# what's the best way to print on to vinyl? Special paper?



## AlexJay2010 (Dec 9, 2010)

Hi All,

I am on the quest to finally get my t-shirt ideas and slogans put to life. I have done lots of research and am pretty much on the rocky road to either success or just keeping it as a hobby!

I have one question though!

I was looking at making some stickers to go with my t-shirts, just to give away with every tee (good promotion)....

I want to print direct on to vinyl, then contour cut with my machine. My only experience is with cutting vinyl and NOT printing it. So what's the best way to print on to vinyl? 

I am talking about self adhesive white sign vinyl, printed in colour and preferably from a home style printer. Epson make some good printers, and was wondering if a domestic home Epson printer would be able to print direct to vinyl (ie A3)?

I would then just contour cut my stickers using my cutter!

Any ideas on this.

Thank you so much for your help.

Alex


----------



## IYFGraphics (Sep 28, 2009)

*Re: Simple Noob Question*



AlexJay2010 said:


> I was looking at making some stickers to go with my t-shirts, just to give away with every tee (good promotion)....
> 
> I want to print direct on to vinyl, then contour cut with my machine. My only experience is with cutting vinyl and NOT printing it. So what's the best way to print on to vinyl?
> 
> ...


Easiest/best way is with a printer /cutter like the Roland Versacamm series of printers but I'm sure that's way out of your budget, there is specially coated vinyl that is intended to be printed with an ink jet printer, quality is not suppose to be that good and probably would need to be laminated to get any durability.
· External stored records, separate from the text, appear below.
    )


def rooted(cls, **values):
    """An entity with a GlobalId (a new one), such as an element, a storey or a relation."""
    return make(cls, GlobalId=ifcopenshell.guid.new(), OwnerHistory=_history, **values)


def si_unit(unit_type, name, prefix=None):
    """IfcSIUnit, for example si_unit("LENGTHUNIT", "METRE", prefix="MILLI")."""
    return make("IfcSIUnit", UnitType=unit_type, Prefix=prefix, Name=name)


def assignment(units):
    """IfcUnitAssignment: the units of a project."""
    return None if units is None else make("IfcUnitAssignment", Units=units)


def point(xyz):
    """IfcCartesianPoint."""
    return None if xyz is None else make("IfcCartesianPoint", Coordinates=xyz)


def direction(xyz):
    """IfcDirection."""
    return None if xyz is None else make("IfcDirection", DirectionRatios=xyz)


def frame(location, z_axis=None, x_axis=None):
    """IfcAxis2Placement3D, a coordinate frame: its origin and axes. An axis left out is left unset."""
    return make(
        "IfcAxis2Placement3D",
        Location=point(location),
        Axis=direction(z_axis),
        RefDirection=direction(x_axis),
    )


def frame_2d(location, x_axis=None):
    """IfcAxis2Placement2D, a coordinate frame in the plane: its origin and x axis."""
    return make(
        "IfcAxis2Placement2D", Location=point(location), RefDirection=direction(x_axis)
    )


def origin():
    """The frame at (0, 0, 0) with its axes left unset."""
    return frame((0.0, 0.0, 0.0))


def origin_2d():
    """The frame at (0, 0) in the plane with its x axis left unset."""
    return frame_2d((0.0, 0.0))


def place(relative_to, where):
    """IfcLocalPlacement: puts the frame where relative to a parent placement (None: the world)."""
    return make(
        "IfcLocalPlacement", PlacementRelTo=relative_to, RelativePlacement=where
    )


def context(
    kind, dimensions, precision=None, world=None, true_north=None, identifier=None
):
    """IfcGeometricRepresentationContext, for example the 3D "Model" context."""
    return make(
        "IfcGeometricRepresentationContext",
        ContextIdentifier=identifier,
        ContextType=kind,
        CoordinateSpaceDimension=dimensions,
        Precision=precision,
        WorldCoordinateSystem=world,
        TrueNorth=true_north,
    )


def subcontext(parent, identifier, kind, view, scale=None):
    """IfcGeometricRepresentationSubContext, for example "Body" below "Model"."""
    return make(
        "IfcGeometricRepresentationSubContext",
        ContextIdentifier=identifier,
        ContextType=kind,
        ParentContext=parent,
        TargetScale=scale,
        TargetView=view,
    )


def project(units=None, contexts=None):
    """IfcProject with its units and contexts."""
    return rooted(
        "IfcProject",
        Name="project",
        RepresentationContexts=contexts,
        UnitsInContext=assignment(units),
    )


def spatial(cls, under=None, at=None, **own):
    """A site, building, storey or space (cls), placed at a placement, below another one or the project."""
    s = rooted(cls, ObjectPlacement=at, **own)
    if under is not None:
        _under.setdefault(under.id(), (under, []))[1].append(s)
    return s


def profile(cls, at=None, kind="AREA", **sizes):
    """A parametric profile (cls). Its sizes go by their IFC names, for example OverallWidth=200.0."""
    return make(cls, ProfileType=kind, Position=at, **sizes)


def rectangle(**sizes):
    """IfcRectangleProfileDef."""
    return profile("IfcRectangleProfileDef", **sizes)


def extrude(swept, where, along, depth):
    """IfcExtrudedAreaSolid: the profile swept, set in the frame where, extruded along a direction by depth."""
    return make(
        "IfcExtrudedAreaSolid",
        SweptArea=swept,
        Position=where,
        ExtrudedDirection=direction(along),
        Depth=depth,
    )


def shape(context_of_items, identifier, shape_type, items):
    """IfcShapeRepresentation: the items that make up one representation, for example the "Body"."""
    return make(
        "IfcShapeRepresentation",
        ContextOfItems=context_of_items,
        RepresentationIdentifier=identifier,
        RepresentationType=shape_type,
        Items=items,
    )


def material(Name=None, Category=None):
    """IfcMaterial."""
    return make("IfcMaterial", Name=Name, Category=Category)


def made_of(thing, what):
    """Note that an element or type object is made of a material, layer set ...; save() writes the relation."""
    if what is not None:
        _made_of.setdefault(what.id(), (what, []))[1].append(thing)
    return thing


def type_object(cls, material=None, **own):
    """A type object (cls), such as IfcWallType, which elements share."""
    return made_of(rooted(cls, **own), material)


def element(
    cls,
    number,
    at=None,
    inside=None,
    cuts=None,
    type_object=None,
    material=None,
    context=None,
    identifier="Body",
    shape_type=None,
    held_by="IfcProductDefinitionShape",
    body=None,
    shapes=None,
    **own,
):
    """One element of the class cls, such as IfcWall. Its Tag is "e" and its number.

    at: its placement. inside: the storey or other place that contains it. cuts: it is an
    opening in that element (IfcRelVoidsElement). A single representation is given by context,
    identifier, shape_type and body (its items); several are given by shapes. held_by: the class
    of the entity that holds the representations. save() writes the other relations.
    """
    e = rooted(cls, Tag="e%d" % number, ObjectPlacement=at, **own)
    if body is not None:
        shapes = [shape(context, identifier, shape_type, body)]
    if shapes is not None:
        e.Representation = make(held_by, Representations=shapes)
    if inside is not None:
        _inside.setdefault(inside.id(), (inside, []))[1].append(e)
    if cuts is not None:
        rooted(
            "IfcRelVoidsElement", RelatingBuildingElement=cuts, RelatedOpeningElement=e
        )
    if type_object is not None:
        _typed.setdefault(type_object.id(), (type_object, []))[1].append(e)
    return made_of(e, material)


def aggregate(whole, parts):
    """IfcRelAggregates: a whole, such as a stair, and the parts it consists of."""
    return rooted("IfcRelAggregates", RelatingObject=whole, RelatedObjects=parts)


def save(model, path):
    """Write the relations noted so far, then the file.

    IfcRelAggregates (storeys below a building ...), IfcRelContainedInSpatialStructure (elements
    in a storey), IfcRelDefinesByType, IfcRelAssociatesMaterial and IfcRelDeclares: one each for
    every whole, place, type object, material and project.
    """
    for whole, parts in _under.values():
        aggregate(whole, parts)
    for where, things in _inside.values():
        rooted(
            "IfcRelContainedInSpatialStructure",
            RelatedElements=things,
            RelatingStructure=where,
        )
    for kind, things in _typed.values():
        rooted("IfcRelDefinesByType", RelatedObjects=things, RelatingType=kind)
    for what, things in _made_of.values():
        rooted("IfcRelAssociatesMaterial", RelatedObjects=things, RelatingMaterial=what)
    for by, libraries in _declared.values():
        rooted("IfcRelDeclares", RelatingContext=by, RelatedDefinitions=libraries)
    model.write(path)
Here's a few threads that may help you....

http://www.t-shirtforums.com/vinyl-cutters-plotters-transfers/t13196.html

http://www.t-shirtforums.com/vinyl-cutters-plotters-transfers/t35341.html

http://www.t-shirtforums.com/vinyl-cutters-plotters-transfers/t40274.html

http://www.t-shirtforums.com/graphics-design-help/t39875.html 

Hope this helps.


----------



## AlexJay2010 (Dec 9, 2010)

*Re: Simple Noob Question*

Hi, thanks for an answer!

The thing is, I can afford to buy the Roland ColourCamm such as the PC60 but I the problem is that the ribbons are a little hard to fetch and the printing speed is incredibly slow.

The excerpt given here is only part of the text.